# 92 Stanza XE automatic tranny help, pleeease...



## stanzetta (Dec 10, 2006)

I got tranny problems. I would like to swap out the bad automatic transmission.
Every place that I call gives me the same story. They need the #'s that are on the 
aluminum tag on the firewall. No problem. I got the numbers.

Question is What do the numbers mean? 
Do have locking or non locking differential? 
If I buy from a auto recycler/salvage yard will I be getting the correct transmission?
How will I know for sure I will be getting the correct tranny for my specific car?
Can I use a tranny from a diffrent model nissan with the same motor or is the bracketing/linkage/wiring different?

I know that buying a reman/rebuilt is $$$ so thats out! Pheeew, way out!

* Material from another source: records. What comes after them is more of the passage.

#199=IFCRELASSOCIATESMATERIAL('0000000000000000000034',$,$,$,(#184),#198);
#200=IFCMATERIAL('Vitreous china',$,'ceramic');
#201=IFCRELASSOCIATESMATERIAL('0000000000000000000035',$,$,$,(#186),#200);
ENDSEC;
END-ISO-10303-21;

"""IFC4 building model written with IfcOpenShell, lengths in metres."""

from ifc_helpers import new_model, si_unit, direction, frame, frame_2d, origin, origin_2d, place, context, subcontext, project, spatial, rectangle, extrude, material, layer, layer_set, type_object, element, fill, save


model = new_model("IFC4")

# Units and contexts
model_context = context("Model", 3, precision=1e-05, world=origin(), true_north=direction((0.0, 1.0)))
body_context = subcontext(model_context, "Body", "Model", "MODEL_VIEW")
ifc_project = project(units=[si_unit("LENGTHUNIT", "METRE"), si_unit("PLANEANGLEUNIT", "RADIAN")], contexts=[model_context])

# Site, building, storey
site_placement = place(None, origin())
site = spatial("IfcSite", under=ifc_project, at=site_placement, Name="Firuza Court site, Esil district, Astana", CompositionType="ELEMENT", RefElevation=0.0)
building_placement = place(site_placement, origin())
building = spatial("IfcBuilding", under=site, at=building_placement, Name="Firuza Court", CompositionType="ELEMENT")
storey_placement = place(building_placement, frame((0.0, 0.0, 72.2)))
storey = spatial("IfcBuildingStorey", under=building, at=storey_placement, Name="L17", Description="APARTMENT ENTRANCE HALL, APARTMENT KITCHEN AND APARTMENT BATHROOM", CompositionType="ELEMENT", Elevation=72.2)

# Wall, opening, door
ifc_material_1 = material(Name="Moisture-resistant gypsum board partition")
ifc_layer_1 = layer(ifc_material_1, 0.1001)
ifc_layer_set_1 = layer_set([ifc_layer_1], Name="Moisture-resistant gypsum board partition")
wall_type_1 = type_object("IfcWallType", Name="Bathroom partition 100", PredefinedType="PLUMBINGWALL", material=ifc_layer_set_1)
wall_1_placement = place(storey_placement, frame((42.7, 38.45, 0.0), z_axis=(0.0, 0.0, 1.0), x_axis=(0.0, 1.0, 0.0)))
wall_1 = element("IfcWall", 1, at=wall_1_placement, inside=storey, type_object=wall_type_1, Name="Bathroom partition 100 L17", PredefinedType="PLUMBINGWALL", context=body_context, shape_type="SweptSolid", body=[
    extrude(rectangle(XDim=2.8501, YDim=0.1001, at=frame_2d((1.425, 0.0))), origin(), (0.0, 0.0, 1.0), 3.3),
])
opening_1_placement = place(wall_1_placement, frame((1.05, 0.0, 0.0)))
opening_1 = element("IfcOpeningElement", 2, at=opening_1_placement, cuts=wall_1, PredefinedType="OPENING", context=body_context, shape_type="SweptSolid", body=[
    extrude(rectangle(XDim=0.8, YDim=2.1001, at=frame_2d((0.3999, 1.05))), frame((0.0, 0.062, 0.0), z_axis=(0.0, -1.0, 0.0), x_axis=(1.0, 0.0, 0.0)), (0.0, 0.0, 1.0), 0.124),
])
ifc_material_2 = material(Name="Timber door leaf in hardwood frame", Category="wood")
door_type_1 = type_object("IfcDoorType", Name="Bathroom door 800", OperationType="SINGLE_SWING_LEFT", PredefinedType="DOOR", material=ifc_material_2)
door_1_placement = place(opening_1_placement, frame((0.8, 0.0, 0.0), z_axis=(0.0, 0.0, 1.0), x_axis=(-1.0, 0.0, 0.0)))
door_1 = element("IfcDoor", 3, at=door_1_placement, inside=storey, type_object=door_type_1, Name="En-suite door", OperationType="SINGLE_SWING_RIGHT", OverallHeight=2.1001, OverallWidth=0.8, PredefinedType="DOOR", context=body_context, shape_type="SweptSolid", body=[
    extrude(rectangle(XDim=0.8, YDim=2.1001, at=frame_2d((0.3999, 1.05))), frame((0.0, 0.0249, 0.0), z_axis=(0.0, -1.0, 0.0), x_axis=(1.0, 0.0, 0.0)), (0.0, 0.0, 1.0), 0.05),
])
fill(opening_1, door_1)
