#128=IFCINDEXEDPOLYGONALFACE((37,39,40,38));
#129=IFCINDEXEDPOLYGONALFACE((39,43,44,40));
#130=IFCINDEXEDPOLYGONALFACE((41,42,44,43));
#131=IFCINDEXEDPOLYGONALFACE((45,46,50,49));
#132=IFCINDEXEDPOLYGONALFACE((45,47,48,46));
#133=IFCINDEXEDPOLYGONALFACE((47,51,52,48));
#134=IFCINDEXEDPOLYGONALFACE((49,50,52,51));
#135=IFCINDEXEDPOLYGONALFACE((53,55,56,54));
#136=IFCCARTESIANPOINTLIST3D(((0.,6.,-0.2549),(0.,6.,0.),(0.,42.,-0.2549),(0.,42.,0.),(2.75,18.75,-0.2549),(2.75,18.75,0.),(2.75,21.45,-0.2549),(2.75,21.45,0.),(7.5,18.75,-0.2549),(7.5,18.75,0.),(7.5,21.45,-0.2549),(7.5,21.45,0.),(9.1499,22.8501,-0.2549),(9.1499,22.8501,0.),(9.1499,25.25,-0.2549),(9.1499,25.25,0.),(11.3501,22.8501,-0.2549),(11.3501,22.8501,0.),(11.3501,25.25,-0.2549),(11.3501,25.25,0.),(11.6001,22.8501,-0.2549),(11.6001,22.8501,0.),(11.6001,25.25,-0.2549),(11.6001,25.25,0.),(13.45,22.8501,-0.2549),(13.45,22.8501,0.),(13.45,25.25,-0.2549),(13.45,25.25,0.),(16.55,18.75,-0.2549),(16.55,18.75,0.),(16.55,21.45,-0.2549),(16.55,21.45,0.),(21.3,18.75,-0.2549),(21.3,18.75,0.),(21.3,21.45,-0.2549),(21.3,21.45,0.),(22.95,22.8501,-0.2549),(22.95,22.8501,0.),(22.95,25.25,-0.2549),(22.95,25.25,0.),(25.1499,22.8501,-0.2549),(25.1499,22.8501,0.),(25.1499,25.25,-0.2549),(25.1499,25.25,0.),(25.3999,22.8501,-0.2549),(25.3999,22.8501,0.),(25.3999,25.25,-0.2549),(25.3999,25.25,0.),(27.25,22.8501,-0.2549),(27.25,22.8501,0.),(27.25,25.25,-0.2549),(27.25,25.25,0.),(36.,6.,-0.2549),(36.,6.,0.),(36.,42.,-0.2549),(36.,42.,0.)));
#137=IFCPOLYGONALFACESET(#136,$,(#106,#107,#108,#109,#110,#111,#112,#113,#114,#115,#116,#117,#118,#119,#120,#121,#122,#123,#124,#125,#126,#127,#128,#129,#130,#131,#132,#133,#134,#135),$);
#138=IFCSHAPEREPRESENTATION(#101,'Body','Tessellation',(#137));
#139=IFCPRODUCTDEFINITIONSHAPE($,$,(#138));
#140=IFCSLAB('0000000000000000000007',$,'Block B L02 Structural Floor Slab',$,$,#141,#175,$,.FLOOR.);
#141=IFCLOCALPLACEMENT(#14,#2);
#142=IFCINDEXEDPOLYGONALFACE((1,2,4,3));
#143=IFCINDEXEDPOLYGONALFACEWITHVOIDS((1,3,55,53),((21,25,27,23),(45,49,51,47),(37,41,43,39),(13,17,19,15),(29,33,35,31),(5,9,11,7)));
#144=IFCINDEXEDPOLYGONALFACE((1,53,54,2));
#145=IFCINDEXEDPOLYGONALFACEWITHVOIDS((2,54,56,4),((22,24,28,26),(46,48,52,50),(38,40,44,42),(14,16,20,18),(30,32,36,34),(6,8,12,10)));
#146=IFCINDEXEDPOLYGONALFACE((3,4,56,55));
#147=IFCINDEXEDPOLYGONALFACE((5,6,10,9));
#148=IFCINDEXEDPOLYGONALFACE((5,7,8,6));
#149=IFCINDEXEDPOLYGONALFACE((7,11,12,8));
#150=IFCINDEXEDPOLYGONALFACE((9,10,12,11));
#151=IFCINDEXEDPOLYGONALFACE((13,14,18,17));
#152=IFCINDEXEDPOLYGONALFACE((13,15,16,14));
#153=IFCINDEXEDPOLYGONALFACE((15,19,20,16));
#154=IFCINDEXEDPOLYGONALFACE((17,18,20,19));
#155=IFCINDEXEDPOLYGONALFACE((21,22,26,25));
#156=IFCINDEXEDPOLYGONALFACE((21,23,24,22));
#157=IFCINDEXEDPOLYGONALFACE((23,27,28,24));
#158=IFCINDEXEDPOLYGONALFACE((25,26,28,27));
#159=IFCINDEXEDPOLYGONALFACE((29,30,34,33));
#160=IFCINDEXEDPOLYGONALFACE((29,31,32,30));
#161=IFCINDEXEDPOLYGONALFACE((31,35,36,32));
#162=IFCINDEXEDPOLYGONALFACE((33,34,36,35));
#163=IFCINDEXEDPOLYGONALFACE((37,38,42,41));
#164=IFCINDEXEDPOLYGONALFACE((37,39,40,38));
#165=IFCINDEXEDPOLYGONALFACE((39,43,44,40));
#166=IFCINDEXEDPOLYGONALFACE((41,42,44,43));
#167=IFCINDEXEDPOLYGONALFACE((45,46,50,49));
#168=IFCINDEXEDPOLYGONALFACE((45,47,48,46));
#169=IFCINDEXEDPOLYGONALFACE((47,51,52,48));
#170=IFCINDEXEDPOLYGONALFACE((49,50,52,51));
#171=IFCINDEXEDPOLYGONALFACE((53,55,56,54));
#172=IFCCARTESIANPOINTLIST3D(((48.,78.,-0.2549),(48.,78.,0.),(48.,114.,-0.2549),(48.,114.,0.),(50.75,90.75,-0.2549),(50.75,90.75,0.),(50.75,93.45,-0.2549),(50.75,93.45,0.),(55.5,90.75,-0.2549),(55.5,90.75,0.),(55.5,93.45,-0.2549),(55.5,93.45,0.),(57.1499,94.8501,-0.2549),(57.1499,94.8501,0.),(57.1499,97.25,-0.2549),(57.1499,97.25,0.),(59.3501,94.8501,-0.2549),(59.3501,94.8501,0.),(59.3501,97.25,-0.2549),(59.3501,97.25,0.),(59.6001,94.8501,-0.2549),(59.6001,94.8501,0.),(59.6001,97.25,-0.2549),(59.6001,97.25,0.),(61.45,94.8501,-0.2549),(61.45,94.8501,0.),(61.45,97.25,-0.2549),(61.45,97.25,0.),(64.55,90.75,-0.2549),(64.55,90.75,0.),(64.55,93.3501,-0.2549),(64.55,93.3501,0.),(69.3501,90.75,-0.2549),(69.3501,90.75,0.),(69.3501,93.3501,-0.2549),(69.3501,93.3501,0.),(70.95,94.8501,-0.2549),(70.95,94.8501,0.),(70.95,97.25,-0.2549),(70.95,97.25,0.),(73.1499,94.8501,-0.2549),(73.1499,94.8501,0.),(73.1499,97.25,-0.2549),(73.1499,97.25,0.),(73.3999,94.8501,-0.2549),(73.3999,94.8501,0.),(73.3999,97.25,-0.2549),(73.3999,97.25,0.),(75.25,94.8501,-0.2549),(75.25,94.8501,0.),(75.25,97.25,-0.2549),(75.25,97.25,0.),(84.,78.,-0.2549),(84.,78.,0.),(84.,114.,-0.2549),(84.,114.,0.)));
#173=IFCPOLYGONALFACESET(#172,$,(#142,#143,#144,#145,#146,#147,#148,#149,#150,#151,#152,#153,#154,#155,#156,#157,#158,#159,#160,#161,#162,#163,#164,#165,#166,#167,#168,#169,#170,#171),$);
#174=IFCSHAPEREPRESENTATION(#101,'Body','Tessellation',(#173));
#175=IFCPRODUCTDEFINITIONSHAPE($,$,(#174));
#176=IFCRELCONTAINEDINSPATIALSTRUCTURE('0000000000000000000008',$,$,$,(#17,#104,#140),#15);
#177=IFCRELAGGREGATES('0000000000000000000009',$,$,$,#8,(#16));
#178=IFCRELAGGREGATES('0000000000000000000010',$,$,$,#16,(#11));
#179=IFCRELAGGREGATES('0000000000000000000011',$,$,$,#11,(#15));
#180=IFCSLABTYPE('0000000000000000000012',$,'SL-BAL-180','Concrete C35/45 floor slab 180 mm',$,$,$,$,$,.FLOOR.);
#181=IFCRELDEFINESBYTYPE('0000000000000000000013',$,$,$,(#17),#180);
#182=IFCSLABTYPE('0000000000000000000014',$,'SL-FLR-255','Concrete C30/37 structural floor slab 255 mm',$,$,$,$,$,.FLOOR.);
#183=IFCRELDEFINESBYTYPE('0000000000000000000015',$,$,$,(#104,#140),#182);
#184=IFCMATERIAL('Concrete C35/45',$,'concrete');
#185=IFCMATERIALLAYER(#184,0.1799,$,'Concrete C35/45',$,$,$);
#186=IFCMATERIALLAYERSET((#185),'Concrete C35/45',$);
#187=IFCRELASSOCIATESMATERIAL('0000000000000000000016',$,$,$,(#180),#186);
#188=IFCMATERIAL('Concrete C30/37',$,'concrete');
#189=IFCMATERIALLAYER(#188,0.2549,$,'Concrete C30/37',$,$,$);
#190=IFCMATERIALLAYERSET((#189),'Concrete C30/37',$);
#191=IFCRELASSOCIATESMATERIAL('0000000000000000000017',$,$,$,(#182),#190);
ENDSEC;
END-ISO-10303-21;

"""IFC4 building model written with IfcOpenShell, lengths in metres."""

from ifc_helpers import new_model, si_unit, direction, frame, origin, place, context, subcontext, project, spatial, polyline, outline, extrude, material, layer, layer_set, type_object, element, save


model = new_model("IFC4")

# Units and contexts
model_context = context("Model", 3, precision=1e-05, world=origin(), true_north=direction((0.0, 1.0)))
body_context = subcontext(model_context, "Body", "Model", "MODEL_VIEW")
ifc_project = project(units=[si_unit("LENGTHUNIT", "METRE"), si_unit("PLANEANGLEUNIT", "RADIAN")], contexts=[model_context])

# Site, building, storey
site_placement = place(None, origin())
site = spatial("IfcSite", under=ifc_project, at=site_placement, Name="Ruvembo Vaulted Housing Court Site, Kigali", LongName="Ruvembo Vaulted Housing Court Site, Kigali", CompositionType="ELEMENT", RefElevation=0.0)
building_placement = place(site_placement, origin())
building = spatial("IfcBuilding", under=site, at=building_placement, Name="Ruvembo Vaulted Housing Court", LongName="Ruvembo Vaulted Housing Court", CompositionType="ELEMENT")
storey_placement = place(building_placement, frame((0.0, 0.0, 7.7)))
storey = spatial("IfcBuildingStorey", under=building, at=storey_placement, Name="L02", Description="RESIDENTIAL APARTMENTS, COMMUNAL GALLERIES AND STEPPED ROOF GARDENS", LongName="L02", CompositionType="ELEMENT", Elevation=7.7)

Any help is much appreciated...this is my first Nissan.
Teresa


----------



## KA24Tech (Feb 2, 2004)

I am a month late but the trans numbers give the model of automatic your car is equipped with and allows them to do an interchange search. The 90-92 Stanza used an RE4F02A. If it has a "V" instead of an "A" at the end it has a viscous differential or "locking" as they called it but those are quite rare. Also I show the 89-94 Maxima with a Single OverHead Cam (SOHC) engine has the same trans number. I don't know if that helps but...

Troy


----------



## AKhan6787 (Apr 24, 2007)

Where are you located, I got an automatic 92 jus sitting in my yard.


----------